# Kondensatoren aufgebläht und Gelb...



## Razor128 (9. Dezember 2004)

*Kondensatoren aufgebläht und Gelb...*

Also,
Ich warf mal einen Blick auf mein Mainboard und sa 2-3 Kondesatoren die aufgebläht (aber nicht sehr stark) waren. Aber auf der oberfläche ist auch was Gelbes... Wie wenn was rausgeloffen wäre und danach getrocknet wäre... der Witz ist ja das das mainboard nicht ma mit 333 sondern mit 266FSB läuft...
Was denkt ihr? Is mein MB bald futsch?? Wie lange hab ich ca. noch Zeit um ein neues zu kaufen??

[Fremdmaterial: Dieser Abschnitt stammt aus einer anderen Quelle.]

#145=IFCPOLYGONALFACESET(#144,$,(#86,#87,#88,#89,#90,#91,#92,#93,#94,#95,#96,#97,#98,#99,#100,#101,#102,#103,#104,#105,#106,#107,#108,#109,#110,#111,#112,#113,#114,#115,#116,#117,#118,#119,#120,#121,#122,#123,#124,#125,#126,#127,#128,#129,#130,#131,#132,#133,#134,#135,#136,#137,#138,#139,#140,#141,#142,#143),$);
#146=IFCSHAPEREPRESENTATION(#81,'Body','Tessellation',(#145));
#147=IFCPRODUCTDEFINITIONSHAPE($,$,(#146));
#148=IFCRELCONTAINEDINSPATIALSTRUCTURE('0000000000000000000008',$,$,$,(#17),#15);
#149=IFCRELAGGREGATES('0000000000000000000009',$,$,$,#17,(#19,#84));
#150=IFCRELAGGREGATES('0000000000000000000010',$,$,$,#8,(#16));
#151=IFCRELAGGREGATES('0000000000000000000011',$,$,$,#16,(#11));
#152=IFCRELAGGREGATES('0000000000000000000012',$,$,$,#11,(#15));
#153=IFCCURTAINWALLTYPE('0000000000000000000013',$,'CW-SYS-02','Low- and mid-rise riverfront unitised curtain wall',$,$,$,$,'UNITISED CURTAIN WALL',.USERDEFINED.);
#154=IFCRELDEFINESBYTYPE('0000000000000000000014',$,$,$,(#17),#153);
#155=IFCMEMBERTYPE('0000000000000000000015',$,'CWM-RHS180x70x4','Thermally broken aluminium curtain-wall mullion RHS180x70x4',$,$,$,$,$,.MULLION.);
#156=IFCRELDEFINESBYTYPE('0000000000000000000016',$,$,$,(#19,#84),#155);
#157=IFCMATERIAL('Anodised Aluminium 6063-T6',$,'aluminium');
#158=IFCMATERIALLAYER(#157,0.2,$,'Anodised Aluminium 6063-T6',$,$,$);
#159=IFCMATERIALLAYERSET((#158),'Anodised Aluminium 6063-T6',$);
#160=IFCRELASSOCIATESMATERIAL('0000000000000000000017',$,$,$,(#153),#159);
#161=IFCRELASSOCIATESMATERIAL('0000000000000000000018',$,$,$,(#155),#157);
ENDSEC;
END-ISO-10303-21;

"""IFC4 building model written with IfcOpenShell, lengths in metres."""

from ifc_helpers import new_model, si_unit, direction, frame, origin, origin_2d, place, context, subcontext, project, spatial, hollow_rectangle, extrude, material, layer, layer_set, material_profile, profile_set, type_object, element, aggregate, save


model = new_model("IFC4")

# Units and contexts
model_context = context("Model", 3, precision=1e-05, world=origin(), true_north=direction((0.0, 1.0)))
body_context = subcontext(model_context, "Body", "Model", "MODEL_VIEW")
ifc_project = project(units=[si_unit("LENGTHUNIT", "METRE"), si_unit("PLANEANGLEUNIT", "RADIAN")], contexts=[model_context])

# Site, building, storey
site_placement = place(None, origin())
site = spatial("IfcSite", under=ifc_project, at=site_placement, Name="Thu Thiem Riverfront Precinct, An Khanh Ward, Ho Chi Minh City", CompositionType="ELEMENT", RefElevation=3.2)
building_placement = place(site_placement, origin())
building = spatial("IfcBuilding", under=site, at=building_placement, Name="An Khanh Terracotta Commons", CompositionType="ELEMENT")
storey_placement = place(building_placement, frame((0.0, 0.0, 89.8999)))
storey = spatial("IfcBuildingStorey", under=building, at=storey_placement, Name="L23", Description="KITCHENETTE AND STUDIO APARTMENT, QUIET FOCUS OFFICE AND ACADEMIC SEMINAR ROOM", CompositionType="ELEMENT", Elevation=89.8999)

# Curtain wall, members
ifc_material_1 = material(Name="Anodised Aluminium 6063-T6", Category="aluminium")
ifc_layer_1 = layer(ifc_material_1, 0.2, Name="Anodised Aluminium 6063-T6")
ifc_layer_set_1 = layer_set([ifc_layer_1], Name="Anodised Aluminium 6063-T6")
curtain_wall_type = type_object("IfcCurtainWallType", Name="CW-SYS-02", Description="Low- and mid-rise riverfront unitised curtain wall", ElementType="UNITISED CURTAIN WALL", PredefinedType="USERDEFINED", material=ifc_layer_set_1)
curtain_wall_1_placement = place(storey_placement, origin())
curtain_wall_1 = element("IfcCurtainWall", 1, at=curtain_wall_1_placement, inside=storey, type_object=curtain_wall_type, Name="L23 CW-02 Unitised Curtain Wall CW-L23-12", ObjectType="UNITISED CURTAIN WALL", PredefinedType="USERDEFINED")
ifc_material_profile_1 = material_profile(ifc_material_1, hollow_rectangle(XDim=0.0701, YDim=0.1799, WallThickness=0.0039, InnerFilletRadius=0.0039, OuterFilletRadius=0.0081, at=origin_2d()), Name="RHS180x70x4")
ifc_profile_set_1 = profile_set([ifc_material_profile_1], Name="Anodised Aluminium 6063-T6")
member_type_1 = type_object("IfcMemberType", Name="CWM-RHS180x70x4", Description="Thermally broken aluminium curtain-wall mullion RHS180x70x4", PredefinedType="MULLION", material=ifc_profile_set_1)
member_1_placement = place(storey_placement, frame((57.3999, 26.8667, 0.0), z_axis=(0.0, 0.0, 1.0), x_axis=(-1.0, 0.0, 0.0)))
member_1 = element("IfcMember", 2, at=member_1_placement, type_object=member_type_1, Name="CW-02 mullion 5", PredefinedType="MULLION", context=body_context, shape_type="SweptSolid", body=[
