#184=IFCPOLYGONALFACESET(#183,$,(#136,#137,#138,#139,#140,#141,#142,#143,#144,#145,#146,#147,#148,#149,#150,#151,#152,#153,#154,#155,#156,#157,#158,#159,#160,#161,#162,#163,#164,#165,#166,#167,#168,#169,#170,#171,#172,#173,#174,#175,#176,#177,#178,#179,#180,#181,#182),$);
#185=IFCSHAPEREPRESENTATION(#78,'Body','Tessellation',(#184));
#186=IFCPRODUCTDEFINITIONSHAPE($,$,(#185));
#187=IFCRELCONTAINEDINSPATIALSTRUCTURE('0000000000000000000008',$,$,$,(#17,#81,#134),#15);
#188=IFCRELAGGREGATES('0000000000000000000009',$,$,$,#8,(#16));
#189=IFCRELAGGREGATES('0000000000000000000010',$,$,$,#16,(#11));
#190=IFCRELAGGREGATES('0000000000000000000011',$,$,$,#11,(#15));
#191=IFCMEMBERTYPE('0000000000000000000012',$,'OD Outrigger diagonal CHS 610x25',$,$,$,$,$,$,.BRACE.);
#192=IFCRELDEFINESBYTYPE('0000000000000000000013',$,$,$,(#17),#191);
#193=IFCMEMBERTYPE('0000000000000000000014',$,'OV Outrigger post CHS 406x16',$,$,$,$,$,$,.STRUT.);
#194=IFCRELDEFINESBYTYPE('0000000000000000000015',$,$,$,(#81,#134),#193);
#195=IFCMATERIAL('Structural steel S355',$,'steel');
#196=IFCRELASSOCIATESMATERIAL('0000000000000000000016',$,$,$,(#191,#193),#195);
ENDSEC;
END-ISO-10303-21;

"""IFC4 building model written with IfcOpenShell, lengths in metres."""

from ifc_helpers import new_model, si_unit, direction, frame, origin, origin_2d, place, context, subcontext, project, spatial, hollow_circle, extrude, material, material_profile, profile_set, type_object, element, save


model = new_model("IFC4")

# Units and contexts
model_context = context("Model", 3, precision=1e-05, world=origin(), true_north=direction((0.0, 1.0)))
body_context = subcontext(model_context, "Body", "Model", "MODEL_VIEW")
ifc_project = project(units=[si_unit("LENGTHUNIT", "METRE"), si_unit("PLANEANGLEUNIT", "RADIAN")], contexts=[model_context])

P.s.: ich habe keine Ahnung seit wann das so ist... aber wenn ich mich recht erinnere dachte ich früher das währen Aufkleber diese gelben Dinger...


----------



## HanFred (9. Dezember 2004)

*AW: Kondensatoren aufgebläht und Gelb...*



			
				Razor128 am 09.12.2004 21:14 schrieb:
			
		

> Also,
> Ich warf mal einen Blick auf mein Mainboard und sa 2-3 Kondesatoren die aufgebläht (aber nicht sehr stark) waren. Aber auf der oberfläche ist auch was Gelbes... Wie wenn was rausgeloffen wäre und danach getrocknet wäre... der Witz ist ja das das mainboard nicht ma mit 333 sondern mit 266FSB läuft...
> Was denkt ihr? Is mein MB bald futsch?? Wie lange hab ich ca. noch Zeit um ein neues zu kaufen??
> 
> P.s.: ich habe keine Ahnung seit wann das so ist... aber wenn ich mich recht erinnere dachte ich früher das währen Aufkleber diese gelben Dinger...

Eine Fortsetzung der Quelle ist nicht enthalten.